I didn't have any trouble finding lots of sites discussing this topic with a search "How heat affects electronics".

http://www.apiste-global.com/enc/technology_enc/detail/id=1262

Heat, vibration, and corrosive forces (acids, salts in solution) all contribute to the untimely deaths of electronics. As Grec says, it's not so much the heat just sitting there, but when you power them and they get overheated, you'd better hope there's a thermocouple in there designed to shut down the device before damage is done. Decoders are known to get overheated in tight spaces under shells, but only when producing maximum volumes over extended periods and the locomotive drive is getting lots of voltage to make it work hard.


----------



## Panther (Oct 5, 2015)

Heat IS Electronics worst enemy, along with excess current, and wrong polarity.

Dan


----------



## Deane Johnson (Sep 19, 2016)

There's probably a wide range as to which electronics are most damaged by heat. Our automobiles today are loaded with electronics that take a tremendous heat load at times. Try parking a car in Arizona in the summertime. I would guess, however, that the electronic components used in autos are chosen to handle a significant heat load.
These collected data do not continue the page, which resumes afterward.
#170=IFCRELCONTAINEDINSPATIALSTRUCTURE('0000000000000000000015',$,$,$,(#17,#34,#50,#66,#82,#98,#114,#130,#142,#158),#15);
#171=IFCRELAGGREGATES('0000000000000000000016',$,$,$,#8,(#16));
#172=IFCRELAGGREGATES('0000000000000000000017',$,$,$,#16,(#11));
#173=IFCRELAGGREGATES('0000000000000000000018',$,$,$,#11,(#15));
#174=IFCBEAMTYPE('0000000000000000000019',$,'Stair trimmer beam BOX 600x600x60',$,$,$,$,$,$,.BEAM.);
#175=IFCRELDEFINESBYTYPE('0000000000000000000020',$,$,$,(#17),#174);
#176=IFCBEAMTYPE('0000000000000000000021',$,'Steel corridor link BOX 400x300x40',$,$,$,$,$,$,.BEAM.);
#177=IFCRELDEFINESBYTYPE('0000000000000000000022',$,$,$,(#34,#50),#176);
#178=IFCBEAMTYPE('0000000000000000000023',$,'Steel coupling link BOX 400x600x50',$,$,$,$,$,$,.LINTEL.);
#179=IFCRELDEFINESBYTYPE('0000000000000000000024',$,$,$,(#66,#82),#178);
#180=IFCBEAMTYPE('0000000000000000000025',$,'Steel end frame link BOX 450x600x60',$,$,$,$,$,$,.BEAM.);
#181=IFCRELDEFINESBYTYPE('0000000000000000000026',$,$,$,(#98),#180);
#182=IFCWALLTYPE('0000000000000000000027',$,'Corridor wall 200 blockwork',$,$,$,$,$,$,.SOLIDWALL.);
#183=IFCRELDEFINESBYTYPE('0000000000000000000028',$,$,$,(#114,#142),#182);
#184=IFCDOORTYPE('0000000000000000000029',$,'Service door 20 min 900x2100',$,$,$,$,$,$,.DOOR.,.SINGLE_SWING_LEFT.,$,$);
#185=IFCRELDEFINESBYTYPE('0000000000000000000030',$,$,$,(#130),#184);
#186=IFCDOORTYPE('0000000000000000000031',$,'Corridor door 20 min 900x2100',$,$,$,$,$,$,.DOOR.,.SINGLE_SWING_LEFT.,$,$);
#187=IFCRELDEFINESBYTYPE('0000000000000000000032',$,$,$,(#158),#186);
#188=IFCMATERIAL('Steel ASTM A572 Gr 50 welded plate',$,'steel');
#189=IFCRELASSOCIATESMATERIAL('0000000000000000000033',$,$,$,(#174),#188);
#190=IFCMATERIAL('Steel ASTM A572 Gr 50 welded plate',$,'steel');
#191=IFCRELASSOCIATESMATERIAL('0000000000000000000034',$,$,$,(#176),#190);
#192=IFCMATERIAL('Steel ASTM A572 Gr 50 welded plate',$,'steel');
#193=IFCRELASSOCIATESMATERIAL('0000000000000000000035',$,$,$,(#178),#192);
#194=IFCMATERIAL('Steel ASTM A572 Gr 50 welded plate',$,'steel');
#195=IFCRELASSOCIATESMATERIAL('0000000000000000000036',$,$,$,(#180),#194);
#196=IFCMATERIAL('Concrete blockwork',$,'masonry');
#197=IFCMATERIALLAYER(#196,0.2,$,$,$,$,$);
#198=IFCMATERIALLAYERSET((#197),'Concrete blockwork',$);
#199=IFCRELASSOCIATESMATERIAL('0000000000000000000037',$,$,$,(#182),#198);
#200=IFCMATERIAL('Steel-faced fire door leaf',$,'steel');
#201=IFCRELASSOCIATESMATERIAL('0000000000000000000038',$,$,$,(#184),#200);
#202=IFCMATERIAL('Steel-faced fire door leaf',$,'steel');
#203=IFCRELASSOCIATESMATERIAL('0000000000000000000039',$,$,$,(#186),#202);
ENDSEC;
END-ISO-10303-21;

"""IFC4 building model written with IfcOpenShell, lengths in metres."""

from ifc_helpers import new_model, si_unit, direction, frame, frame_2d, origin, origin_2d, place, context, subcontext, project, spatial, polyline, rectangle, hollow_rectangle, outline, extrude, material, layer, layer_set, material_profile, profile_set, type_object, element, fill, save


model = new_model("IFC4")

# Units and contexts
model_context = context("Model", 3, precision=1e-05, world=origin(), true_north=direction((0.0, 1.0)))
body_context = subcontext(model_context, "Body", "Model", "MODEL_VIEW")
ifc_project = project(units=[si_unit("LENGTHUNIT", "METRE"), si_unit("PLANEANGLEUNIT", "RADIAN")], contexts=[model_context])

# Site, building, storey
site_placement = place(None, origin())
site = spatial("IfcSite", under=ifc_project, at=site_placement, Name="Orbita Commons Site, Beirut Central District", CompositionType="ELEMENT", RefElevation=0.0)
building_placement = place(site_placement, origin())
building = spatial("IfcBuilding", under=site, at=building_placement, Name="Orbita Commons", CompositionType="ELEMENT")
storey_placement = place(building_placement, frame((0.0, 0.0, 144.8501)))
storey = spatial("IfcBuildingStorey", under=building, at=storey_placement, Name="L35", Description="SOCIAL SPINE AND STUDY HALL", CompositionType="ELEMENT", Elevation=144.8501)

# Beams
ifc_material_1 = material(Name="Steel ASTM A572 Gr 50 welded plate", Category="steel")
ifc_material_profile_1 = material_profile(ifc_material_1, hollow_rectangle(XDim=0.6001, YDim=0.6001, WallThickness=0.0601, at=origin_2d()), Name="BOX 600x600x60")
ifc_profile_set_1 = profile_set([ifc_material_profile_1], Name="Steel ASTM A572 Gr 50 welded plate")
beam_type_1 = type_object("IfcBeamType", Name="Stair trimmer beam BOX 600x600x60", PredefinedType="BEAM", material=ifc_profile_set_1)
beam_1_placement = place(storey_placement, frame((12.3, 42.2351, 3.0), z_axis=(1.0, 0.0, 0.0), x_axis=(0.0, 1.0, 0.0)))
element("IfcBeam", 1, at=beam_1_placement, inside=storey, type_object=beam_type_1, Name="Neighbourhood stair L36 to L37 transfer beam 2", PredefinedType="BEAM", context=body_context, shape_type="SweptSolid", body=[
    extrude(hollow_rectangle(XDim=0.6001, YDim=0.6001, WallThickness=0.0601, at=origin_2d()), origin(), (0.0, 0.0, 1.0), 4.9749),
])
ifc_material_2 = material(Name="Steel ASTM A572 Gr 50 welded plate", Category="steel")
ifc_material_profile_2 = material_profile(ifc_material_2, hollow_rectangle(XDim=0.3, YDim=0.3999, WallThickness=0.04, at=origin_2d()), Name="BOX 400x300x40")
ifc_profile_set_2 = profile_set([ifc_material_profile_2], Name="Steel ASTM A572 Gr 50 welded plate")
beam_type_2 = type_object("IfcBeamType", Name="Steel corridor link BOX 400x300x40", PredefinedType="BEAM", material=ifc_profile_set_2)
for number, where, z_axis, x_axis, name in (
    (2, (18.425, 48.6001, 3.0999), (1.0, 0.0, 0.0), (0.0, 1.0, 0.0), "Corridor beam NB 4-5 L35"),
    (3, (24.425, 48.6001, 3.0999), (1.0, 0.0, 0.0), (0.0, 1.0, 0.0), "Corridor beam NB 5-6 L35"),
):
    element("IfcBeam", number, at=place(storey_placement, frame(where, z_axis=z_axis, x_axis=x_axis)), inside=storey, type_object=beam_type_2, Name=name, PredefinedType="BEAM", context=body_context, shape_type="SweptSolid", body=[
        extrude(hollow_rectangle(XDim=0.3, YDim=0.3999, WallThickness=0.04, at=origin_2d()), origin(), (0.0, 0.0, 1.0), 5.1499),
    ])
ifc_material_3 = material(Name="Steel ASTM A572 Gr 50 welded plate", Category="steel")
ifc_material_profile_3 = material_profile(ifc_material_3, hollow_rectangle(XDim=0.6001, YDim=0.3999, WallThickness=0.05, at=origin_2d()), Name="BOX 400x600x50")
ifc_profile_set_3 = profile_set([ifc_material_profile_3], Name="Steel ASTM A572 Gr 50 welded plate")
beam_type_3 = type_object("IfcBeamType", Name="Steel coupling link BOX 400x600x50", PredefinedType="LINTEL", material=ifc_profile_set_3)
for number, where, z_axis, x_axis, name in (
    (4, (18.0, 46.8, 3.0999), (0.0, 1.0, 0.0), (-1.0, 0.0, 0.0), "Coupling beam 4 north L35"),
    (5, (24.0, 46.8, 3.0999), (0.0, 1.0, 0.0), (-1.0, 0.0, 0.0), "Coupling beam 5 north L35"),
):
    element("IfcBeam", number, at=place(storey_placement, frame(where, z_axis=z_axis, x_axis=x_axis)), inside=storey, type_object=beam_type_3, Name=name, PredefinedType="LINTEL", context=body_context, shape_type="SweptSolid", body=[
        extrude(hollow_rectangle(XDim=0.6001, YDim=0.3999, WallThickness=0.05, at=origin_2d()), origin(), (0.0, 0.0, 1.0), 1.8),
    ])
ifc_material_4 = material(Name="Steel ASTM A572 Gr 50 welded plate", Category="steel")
Components for electronics used in model train gear is probably much more middle-of-the road and more subject to heat failure. I wouldn't worry too much about 90 degrees, but that's an uneducated opinion. I would assume you're not running trains much when the temp is over 90 degrees, so you're not adding additional heat stress to the components with electrical current.


----------



## DonR (Oct 18, 2012)

While ambient heat may not
harm your locos and Controller when
not in use, you should
continue to take them into a controlled climate
after you shut down the layout.

Dust, moisture and other evils can cause
corrosion and damage to electrical
connections. Dirt and grit are not friendly
to gears.

Don


----------



## gregc (Apr 25, 2015)

our small cell RF boards have an RF shield that doubles as a heat sink about 4x6 inches. I worked on code to shut the unit down when some temperature threshold was crossed.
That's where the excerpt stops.